Besides the performance issue, what bothers me more is the fact that the data attribute, by definition, is just not intended to be used that way. Remember the W3C definition?

[...] Custom data attributes are intended to store custom data private to the page or application, for which there are no more appropriate attributes or elements. [...]
W3C specification (Editor’s Draft)

That’s it. Nothing more, nothing less. And that is why at the end of the day I don’t feel comfortable with using data attributes to select DOM nodes. Period.

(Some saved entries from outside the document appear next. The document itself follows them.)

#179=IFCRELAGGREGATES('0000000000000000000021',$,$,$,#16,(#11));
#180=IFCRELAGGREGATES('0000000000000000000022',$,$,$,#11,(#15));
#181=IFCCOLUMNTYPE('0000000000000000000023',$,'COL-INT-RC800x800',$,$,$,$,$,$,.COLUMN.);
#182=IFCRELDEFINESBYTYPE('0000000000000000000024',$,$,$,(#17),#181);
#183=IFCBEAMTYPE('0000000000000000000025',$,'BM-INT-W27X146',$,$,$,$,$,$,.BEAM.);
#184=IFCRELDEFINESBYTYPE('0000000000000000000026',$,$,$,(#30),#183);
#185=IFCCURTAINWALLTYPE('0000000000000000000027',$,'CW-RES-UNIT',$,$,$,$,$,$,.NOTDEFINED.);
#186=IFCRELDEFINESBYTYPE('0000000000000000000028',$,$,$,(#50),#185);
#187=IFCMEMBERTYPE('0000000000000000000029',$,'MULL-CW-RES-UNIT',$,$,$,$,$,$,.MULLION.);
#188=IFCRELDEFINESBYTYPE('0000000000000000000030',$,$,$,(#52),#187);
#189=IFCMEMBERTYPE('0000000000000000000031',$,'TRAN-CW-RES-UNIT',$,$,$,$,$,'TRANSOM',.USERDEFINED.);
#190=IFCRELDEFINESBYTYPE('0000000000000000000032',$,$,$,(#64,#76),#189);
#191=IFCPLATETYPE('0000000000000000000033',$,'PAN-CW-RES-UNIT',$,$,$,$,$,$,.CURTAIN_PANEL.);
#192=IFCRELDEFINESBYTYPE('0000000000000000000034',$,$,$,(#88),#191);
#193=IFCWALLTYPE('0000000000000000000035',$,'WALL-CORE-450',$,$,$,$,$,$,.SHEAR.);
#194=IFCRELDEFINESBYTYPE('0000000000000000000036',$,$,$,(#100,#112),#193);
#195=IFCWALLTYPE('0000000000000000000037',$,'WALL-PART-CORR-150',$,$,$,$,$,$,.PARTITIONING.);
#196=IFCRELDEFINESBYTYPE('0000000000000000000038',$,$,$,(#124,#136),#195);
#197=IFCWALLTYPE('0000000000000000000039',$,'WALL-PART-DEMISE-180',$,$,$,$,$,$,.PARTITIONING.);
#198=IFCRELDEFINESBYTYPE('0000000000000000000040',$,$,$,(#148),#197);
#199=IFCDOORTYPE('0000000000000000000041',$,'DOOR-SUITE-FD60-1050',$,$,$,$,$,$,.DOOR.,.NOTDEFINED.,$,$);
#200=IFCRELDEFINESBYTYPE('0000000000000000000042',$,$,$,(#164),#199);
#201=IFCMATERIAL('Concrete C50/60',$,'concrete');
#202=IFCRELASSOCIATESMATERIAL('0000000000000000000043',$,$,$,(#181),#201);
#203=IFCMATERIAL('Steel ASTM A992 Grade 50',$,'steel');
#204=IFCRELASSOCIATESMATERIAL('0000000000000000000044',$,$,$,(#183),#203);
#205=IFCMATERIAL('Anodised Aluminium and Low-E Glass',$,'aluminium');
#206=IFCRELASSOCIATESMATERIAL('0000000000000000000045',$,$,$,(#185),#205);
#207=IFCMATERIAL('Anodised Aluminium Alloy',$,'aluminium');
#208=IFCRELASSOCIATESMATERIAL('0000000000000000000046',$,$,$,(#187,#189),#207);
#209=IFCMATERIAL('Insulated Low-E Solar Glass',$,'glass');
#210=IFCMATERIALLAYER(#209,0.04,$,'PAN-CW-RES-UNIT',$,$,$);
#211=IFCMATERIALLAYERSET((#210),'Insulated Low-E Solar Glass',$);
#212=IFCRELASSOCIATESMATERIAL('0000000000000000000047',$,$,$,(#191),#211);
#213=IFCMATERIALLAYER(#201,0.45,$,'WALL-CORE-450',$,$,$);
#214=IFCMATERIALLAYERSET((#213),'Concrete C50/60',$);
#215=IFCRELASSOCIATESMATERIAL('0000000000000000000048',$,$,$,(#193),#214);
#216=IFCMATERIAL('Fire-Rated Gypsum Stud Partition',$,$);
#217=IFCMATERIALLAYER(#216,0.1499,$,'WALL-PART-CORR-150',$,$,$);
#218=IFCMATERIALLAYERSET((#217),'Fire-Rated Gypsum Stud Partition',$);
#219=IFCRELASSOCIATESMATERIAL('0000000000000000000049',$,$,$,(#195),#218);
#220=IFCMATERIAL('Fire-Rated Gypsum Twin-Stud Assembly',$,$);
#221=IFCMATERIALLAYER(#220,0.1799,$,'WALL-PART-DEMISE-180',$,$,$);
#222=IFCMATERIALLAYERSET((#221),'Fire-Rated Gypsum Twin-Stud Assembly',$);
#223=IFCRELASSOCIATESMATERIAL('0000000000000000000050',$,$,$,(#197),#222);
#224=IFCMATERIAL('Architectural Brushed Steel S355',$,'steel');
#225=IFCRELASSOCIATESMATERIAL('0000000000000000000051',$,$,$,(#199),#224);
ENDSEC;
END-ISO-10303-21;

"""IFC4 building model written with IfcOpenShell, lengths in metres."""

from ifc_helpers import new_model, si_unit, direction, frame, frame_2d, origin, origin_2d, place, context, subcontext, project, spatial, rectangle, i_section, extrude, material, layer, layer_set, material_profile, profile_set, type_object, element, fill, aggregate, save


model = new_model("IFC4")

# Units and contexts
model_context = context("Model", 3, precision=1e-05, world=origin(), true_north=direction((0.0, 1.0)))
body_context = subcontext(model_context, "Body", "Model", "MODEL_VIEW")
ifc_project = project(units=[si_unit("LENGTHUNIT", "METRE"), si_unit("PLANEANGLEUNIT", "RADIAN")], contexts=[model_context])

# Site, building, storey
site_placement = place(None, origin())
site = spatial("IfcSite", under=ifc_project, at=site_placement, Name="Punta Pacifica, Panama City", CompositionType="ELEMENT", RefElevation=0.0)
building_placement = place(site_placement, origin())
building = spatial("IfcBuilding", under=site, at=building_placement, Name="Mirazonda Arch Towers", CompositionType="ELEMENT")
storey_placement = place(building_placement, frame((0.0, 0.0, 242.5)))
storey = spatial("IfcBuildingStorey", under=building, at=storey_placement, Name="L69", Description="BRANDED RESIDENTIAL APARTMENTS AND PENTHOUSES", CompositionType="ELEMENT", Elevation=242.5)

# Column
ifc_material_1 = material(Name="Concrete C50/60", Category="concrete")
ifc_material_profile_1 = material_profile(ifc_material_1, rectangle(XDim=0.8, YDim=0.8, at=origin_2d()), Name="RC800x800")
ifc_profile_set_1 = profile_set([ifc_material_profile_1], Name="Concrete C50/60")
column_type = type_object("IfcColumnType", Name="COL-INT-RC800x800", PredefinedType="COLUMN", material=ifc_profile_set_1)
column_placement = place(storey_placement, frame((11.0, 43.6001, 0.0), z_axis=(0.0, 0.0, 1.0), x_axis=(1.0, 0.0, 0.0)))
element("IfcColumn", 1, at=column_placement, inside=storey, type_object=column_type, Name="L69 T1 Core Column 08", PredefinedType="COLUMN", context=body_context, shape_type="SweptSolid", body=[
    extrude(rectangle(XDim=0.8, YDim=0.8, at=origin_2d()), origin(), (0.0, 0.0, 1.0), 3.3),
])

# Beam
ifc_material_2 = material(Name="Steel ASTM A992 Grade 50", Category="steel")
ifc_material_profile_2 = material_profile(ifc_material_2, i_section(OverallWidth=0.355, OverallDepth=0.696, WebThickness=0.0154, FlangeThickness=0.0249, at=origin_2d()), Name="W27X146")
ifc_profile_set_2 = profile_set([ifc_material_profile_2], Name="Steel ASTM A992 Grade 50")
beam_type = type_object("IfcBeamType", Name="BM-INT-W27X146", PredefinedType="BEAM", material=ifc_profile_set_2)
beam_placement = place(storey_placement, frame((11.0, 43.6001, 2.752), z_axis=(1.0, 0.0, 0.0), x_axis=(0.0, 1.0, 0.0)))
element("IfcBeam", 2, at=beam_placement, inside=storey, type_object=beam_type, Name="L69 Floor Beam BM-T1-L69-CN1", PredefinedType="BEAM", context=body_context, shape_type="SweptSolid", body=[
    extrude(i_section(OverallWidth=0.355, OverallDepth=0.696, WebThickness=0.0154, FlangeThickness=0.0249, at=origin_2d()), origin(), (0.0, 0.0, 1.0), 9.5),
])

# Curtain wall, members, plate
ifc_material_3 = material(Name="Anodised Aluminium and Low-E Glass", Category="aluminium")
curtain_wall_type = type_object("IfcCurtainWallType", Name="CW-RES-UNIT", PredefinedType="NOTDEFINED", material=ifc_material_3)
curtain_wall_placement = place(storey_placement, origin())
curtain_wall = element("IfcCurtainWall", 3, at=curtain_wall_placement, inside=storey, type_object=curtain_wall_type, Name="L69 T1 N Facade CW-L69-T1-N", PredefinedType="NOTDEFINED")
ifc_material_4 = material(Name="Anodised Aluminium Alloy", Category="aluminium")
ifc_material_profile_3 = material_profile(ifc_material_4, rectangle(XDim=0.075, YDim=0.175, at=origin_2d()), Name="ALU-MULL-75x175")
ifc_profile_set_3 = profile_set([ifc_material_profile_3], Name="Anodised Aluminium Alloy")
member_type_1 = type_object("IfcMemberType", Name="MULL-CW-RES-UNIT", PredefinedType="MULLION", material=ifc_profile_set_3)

Use prefixed classes instead!

The trick is to rely on classes for DOM node selection in JavaScript to gain performance but to use a naming convention and strictly separate styling classes from logic classes. Applying this technique, our car rental website could look like this:

HTML

<ul class="vehicles js-interactive-list">
 <li data-additional-info="white, red, yellow">Fiat 500</li>
 <li data-additional-info="white, black">BMW M3</li>
 <li data-additional-info="black, blue">Audi R8 Coupe</li>
</ul>

CSS

.vehicles
{
 list-style-type:none;
 margin:0;
 padding:0;
}

JavaScript

var list = document.querySelector(".js-interactive-list");

list.addEventListener("click", function(e)
{
  alert("Available colors: " + e.target.dataset.additionalInfo);
});

Try it yourself

We see the classes used in JavaScript are prefixed with js-. These classes must never be used for styling! Only that way we can assure that CSS and JS are decoupled and less of a PITA when it comes to refactoring.